# wie bekomm ich diesen kratzer-effekt hin?



## focus_supreme (17. Mai 2005)

hallo! 
hier mal eine grafik von der ich gerne gewusst hätte wie sie entstanden ist!
hab den effekt schon des öfteren gesehn und bewundert.
wär super wenn mir jemand weiterhelfen könnte!


----------



## Philip Kurz (17. Mai 2005)

Das sind im Prinzip ganz einfache weiße Brushes auf einem blauen Hintergrund. Vielleicht suchst du mal unter dem Stichwort "Grunge" (auch hier im Forum) - auch wenn ich diese Kratzer nicht ganz in diese Kategorie einordnen würde, findest du mit Sicherheit etwas Passendes.
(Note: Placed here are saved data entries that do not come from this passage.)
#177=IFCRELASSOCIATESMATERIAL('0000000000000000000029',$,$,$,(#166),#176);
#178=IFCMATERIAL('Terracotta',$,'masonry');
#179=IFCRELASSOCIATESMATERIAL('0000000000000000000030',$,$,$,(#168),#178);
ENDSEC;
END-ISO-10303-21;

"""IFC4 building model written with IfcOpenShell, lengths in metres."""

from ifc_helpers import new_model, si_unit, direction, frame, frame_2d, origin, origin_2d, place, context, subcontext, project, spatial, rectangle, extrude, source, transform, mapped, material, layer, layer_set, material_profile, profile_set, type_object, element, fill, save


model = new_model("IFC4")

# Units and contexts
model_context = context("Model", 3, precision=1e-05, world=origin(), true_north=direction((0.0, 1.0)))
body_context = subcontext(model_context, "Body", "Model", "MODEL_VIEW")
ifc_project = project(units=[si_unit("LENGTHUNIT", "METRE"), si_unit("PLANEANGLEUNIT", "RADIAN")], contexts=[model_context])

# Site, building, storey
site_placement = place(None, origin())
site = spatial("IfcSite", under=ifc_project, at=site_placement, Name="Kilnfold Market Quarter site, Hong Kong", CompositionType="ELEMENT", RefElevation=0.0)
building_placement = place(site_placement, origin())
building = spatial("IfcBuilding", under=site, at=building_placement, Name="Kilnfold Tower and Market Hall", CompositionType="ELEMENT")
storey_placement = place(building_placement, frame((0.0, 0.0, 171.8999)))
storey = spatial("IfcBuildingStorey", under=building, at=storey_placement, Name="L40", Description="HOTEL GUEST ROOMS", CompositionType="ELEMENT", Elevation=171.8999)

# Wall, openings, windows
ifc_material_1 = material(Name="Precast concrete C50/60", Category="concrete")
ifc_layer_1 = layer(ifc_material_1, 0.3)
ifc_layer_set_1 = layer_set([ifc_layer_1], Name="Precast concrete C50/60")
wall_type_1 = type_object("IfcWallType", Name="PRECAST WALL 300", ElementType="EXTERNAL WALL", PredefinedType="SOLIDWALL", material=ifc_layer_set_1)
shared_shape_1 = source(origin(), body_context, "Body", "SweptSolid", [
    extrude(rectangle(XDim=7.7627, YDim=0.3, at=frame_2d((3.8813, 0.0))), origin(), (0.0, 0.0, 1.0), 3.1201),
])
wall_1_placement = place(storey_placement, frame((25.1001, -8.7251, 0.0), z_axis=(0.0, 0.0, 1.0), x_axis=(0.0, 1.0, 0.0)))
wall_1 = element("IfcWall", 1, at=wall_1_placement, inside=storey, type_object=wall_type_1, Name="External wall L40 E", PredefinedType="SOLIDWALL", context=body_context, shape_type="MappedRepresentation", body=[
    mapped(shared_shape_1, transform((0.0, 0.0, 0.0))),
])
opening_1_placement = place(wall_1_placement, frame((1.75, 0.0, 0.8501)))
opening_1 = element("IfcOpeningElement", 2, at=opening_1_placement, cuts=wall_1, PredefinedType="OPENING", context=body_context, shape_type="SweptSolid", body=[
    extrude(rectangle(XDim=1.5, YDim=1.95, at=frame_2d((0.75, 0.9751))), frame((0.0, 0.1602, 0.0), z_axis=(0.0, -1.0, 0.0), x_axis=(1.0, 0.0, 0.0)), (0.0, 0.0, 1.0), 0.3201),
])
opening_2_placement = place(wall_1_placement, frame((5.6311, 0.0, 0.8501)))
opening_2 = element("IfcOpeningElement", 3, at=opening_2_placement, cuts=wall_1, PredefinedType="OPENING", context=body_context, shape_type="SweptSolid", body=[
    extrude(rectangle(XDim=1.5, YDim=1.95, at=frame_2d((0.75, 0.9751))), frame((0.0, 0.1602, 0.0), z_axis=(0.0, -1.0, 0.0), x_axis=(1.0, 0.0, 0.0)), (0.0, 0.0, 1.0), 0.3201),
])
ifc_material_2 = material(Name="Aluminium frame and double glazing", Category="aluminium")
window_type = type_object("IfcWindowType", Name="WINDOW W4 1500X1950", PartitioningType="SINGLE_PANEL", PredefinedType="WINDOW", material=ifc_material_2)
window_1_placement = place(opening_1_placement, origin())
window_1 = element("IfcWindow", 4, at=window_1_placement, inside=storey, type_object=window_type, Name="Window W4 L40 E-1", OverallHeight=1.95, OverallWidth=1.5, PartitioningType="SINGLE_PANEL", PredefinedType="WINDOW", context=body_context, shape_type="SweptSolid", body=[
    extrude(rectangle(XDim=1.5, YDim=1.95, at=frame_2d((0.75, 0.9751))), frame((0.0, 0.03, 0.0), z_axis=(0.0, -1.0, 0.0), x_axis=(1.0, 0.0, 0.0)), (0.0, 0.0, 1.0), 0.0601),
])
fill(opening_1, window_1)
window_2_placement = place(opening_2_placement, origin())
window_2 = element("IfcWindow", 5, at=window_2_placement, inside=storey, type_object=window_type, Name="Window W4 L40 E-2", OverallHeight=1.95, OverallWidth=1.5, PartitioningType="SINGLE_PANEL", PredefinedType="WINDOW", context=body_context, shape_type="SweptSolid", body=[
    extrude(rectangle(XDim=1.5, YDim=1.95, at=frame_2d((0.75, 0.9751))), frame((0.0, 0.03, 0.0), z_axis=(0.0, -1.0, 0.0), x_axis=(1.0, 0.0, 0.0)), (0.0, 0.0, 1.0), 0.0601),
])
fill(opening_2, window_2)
Meistens gibt es solche zerkratzten Oberflächen aber auch schon als "fertige" Texturen zum Download. Dann musst du nur noch mit den Füllmethoden spielen.

Natürlich könntest du auch einfach ein blau beschichtetes Stück Pappe verunstalten und anschließend einscannen.


----------



## ShadowMan (17. Mai 2005)

Hi!

Ein wenig gegoogelt und folgendes gefunden:
http://forum.jswelt.de/showthread.php?t=18067

Grunge ist sicherlich auch ein guter Ansatz wie radde schon sagte. Ich denke aber, dass wenn du die Kratzer selbst machst, du wesentlich schneller zu einem Ergebnis kommst 

(ich hatte damals noch ein gutes Tutorial das sich nur um Kratzer handelte...kanns nur momentan leider nicht finden...sorry)

Lg,
Manuel ;-]


----------



## ToKo (17. Mai 2005)

Bei deviantArt findest du extrem viele dieser Grunge Brushes.
Kann ich sehr empfehlen, da ich diesen "Grunge-Style" auch mag und eben dort einiges brauchbares gefunden habe.


----------